Friday, September 11, 2020

ROMANO GUARDINI: The Lord: 24th Sunday in OT: 2020

 Parable of the Unjust Steward // c. 1540 // Marinus van Reymerswaele //  Kunsthistorisches Museum, Vienna // #Gospel #Evangelio #Jes… | Bible art,  Parables, Fine art


 

The old commandment, fifth of the Ten from Sinai, runs: Thou shalt not kill. Jesus seizes upon the wickedness that is expressed by murder and traces it back to its origin in the murderer's heart. What breaks out in violence is already present in the evil word or intent, or rather, everything that follows is the result of that intent. The intent then, not the deed that expresses it, is decisive. Notice that Jesus does not even mention downright hatred; a brother's irritation or having "anything against thee" is enough to sow the dragon-seed of evil. From irritation grows anger; from anger the word; from the word the deed. . . .

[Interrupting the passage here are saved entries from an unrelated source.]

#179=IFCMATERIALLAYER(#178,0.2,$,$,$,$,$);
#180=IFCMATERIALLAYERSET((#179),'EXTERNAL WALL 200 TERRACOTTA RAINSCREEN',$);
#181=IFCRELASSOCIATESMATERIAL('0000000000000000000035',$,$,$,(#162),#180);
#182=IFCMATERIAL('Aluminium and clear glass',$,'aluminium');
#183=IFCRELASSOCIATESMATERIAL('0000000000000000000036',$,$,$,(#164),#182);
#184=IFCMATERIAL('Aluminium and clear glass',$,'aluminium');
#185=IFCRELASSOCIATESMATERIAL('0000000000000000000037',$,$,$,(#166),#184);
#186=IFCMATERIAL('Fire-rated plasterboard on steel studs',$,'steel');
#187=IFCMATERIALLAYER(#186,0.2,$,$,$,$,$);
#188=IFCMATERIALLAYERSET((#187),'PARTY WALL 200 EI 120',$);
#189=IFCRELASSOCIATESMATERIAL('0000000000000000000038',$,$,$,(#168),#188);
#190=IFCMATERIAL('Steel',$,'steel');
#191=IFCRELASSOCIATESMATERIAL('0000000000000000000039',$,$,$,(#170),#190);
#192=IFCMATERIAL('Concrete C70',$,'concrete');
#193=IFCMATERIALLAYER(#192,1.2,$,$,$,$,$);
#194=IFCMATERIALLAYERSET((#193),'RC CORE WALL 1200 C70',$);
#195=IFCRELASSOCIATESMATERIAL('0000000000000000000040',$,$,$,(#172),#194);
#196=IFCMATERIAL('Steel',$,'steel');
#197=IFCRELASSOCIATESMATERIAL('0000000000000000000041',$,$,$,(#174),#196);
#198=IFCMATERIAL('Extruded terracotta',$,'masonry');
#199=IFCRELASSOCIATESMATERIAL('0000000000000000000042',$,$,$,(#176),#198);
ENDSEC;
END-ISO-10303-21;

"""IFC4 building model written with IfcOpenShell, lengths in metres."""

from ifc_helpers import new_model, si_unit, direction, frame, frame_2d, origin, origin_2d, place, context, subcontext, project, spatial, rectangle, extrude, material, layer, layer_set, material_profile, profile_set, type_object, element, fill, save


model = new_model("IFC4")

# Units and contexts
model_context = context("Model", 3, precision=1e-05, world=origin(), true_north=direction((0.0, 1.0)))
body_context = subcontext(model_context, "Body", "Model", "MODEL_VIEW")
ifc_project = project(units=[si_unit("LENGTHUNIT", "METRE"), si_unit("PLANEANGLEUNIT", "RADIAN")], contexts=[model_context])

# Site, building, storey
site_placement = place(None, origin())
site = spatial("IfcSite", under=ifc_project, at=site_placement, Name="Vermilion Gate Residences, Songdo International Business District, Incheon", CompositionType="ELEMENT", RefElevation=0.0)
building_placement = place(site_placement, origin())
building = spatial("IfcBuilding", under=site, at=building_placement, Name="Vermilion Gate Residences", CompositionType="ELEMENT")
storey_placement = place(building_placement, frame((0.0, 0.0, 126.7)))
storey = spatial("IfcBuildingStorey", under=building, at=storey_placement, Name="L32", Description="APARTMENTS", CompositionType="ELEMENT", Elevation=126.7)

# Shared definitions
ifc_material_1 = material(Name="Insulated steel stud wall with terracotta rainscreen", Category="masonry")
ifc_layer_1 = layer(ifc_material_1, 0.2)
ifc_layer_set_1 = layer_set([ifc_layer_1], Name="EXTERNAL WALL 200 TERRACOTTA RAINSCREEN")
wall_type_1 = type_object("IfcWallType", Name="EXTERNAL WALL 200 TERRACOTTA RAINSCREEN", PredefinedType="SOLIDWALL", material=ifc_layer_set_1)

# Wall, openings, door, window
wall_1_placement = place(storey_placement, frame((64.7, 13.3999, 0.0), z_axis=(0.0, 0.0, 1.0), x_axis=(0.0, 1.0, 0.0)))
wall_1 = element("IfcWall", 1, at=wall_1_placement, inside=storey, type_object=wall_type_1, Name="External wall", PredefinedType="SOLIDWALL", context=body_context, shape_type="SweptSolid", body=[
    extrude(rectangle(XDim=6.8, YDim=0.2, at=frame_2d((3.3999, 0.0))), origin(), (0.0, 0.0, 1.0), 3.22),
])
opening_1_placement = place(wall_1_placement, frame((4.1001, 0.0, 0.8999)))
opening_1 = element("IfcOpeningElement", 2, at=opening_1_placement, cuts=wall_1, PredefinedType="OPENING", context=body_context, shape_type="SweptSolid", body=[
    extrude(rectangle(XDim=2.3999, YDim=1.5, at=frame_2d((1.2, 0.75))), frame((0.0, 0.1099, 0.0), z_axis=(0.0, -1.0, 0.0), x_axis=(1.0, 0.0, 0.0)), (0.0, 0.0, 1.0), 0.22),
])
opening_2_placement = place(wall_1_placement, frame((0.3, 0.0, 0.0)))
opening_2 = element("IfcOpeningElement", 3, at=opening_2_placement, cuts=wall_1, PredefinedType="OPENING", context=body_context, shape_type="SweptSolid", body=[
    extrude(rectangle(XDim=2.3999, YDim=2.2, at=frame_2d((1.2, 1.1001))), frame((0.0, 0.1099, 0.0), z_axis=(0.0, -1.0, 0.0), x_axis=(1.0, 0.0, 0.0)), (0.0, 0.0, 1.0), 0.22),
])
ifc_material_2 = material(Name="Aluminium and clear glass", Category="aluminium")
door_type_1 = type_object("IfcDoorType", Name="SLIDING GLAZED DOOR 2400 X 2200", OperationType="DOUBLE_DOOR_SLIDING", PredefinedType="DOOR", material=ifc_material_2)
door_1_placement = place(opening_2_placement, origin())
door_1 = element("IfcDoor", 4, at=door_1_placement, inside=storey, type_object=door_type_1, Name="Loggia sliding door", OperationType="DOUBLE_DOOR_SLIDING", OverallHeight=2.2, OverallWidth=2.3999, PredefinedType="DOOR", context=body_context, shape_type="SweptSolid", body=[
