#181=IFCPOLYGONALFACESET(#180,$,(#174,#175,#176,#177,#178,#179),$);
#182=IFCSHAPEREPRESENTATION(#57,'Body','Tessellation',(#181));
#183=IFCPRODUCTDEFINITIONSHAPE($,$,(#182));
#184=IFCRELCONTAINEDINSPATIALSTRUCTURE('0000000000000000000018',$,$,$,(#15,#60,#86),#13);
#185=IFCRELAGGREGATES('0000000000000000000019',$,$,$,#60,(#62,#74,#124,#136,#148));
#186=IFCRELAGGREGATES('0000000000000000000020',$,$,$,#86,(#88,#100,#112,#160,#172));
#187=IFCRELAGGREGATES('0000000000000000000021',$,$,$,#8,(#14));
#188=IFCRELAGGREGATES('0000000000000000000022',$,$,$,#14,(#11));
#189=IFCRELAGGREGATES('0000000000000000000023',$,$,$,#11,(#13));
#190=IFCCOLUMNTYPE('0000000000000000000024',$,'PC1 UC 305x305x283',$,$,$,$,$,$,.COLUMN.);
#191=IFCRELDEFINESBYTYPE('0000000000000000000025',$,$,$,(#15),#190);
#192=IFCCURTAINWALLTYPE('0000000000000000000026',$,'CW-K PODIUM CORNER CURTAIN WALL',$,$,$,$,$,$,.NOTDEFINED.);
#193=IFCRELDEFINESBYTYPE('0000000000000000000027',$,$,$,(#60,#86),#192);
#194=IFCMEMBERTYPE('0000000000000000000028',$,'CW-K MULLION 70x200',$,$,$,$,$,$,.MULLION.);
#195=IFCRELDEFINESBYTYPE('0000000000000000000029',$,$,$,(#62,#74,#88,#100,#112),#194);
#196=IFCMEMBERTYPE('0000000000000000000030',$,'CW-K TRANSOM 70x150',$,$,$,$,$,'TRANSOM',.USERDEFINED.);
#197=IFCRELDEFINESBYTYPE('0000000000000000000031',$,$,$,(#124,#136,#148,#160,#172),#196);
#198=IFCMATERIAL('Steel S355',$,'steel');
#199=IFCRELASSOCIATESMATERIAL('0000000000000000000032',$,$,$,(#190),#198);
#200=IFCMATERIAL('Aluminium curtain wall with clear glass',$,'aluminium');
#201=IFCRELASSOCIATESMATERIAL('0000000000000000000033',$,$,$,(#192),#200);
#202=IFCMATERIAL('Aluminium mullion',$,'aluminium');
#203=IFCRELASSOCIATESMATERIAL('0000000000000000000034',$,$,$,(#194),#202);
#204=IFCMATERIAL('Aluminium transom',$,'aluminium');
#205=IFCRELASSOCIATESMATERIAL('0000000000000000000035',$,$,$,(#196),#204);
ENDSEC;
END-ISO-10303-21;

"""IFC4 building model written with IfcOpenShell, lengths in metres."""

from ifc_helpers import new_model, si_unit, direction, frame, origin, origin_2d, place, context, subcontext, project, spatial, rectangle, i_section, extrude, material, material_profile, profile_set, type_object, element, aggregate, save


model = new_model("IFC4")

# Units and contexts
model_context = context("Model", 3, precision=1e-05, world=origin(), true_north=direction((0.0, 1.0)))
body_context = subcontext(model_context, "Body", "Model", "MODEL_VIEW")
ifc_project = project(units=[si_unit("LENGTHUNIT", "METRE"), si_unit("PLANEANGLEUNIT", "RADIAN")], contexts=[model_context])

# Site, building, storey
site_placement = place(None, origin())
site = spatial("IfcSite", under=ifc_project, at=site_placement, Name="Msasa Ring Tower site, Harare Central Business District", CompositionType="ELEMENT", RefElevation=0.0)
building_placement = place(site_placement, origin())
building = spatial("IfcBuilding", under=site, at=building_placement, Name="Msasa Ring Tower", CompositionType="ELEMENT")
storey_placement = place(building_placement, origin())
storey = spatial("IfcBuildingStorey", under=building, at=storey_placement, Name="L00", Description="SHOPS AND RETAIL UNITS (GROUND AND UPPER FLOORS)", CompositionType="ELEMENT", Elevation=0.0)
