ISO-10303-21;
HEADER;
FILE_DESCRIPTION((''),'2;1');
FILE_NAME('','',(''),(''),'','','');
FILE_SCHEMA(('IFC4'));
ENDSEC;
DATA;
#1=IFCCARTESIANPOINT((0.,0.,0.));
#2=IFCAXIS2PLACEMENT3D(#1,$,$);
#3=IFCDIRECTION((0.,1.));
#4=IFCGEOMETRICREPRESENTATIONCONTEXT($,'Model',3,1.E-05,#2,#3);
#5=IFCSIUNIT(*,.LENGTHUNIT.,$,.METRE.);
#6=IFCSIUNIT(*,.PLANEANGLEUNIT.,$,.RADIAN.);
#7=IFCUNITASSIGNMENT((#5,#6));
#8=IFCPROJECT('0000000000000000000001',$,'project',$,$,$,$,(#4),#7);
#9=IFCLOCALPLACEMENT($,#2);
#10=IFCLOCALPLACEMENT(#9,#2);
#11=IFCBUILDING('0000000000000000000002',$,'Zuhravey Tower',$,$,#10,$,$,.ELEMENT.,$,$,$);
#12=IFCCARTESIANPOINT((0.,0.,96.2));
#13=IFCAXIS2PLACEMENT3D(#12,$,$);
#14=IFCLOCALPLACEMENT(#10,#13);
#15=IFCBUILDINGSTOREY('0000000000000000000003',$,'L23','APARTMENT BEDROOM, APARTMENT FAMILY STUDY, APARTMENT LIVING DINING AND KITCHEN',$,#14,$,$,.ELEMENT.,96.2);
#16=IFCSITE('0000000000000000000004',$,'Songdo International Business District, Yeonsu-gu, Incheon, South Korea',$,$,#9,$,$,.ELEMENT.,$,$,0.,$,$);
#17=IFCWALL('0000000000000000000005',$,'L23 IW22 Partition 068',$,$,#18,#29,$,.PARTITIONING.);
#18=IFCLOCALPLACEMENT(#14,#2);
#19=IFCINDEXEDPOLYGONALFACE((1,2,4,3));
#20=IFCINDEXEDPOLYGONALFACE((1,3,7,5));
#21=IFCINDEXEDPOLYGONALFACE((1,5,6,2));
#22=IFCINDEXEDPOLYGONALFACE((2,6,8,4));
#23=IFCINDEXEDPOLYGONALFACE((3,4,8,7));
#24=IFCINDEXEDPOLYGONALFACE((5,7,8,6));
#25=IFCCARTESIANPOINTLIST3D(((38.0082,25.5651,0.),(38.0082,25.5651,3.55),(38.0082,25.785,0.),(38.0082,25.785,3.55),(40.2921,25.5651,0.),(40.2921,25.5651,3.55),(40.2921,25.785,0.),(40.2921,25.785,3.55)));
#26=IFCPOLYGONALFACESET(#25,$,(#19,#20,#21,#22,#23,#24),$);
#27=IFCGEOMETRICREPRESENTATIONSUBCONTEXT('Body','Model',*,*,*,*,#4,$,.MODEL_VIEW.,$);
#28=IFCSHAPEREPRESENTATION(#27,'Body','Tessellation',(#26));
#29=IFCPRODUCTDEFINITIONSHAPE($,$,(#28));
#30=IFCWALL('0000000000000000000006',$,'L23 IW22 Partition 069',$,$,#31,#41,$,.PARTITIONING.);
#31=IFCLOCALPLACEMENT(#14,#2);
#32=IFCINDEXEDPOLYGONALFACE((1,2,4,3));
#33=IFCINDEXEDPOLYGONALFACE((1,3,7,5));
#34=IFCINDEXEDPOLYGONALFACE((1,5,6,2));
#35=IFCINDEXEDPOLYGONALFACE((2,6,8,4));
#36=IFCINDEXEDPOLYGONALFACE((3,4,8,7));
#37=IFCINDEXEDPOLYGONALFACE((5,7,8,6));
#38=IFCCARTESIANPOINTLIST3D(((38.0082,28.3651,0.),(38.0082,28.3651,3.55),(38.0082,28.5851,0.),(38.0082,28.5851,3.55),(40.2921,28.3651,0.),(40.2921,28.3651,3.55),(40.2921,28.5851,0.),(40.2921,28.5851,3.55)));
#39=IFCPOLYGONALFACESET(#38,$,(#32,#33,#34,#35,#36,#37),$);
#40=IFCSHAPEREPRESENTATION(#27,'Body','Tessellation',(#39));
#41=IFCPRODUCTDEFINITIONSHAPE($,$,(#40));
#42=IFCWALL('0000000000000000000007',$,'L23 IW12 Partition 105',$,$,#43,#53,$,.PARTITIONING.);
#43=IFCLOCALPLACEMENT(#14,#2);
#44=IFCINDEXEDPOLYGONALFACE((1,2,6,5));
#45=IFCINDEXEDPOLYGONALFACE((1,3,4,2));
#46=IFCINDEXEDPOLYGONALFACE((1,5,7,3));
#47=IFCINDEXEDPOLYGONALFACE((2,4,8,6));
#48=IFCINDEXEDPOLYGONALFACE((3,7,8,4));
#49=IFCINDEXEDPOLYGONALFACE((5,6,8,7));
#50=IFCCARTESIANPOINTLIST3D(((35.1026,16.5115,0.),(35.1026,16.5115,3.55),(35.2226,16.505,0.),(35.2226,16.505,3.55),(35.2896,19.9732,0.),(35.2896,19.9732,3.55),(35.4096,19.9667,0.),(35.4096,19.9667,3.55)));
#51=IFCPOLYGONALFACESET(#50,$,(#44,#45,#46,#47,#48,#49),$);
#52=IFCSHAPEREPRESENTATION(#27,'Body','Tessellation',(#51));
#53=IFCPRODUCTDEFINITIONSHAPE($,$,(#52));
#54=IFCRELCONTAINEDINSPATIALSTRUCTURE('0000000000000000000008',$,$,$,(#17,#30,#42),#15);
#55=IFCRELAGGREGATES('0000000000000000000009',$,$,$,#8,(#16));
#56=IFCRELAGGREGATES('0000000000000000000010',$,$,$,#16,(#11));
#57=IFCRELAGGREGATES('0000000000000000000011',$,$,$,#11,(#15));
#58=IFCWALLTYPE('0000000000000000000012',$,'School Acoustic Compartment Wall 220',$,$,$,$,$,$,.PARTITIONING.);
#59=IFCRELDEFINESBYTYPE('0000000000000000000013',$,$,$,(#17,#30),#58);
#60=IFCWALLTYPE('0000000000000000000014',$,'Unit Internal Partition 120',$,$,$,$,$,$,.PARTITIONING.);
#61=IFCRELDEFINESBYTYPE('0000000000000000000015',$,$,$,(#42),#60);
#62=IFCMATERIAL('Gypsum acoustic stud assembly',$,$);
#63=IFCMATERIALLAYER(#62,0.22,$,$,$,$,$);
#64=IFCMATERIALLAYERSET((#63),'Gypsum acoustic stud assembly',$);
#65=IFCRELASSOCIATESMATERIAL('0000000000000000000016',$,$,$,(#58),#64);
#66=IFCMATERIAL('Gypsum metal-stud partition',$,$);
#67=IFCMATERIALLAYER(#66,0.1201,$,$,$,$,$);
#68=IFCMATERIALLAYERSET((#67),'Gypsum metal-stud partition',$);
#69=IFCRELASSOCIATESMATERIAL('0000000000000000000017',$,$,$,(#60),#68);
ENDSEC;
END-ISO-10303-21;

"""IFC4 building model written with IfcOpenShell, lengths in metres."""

from ifc_helpers import new_model, si_unit, direction, frame, frame_2d, origin, place, context, subcontext, project, spatial, rectangle, extrude, material, layer, layer_set, type_object, element, save


model = new_model("IFC4")

# Units and contexts
model_context = context("Model", 3, precision=1e-05, world=origin(), true_north=direction((0.0, 1.0)))
body_context = subcontext(model_context, "Body", "Model", "MODEL_VIEW")
ifc_project = project(units=[si_unit("LENGTHUNIT", "METRE"), si_unit("PLANEANGLEUNIT", "RADIAN")], contexts=[model_context])

# Site, building, storey
site_placement = place(None, origin())
site = spatial("IfcSite", under=ifc_project, at=site_placement, Name="Songdo International Business District, Yeonsu-gu, Incheon, South Korea", CompositionType="ELEMENT", RefElevation=0.0)
building_placement = place(site_placement, origin())
building = spatial("IfcBuilding", under=site, at=building_placement, Name="Zuhravey Tower", CompositionType="ELEMENT")
storey_placement = place(building_placement, frame((0.0, 0.0, 96.2)))
storey = spatial("IfcBuildingStorey", under=building, at=storey_placement, Name="L23", Description="APARTMENT BEDROOM, APARTMENT FAMILY STUDY, APARTMENT LIVING DINING AND KITCHEN", CompositionType="ELEMENT", Elevation=96.2)

# Walls
ifc_material_1 = material(Name="Gypsum acoustic stud assembly")
ifc_layer_1 = layer(ifc_material_1, 0.22)
ifc_layer_set_1 = layer_set([ifc_layer_1], Name="Gypsum acoustic stud assembly")
wall_type_1 = type_object("IfcWallType", Name="School Acoustic Compartment Wall 220", PredefinedType="PARTITIONING", material=ifc_layer_set_1)
for number, where, z_axis, x_axis, name in (
    (1, (38.0081, 25.675, 0.0), (0.0, 0.0, 1.0), (1.0, 0.0, 0.0), "L23 IW22 Partition 068"),
    (2, (38.0081, 28.4751, 0.0), (0.0, 0.0, 1.0), (1.0, 0.0, 0.0), "L23 IW22 Partition 069"),
):
    element("IfcWall", number, at=place(storey_placement, frame(where, z_axis=z_axis, x_axis=x_axis)), inside=storey, type_object=wall_type_1, Name=name, PredefinedType="PARTITIONING", context=body_context, shape_type="SweptSolid", body=[
        extrude(rectangle(XDim=2.2839, YDim=0.22, at=frame_2d((1.1421, 0.0))), origin(), (0.0, 0.0, 1.0), 3.55),
    ])
ifc_material_2 = material(Name="Gypsum metal-stud partition")
ifc_layer_2 = layer(ifc_material_2, 0.1201)
ifc_layer_set_2 = layer_set([ifc_layer_2], Name="Gypsum metal-stud partition")
wall_type_2 = type_object("IfcWallType", Name="Unit Internal Partition 120", PredefinedType="PARTITIONING", material=ifc_layer_set_2)
wall_1_placement = place(storey_placement, frame((35.3496, 19.97, 0.0), z_axis=(0.0, 0.0, 1.0), x_axis=(-0.053945, -0.998544, 0.0)))
element("IfcWall", 3, at=wall_1_placement, inside=storey, type_object=wall_type_2, Name="L23 IW12 Partition 105", PredefinedType="PARTITIONING", context=body_context, shape_type="SweptSolid", body=[
    extrude(rectangle(XDim=3.4668, YDim=0.1201, at=frame_2d((1.7334, 0.0))), origin(), (0.0, 0.0, 1.0), 3.55),
])

save(model, "model.ifc")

The Old Law used justice as its norm of human behavior. As others treat you, so shall you treat them. Violence may be returned for violence, evil for evil. The justice of the day consisted in not returning more evil than the amount received, and naturally one was allowed to protect oneself from anything that seemed threatening. Christ says: That is not enough. As long as you cling to "justice" you will never be guiltless of injustice. As long as you are entangled in wrong and revenge, blow and counterblow, aggression and defense, you will be constantly drawn into fresh wrong. Passion, by its very definition, surpasses measure—quite aside from the fact that the claim to vengeance in itself is wrong buse it lies outside our given role of creature. He who takes it upon himself to avenge trampled justice never restores justice. The moment discussion of wrong begins, wrong stirs in one's own heart, and the result is new injustice.

If you really want to get anywhere, you must extricate yourself from the whole embroilment and seek a position far removed from all pro's and con's. You must introduce a new force, not that of self-assertion, but of selflessness; not so-called justice, but creative freedom. Man is really just only when he seeks more than mere justice. More not merely quantitatively, but qualitatively. He must find a power capable of breaking the ban of injustice, something strong enough and big enough to intercept aggression and disarm it: love.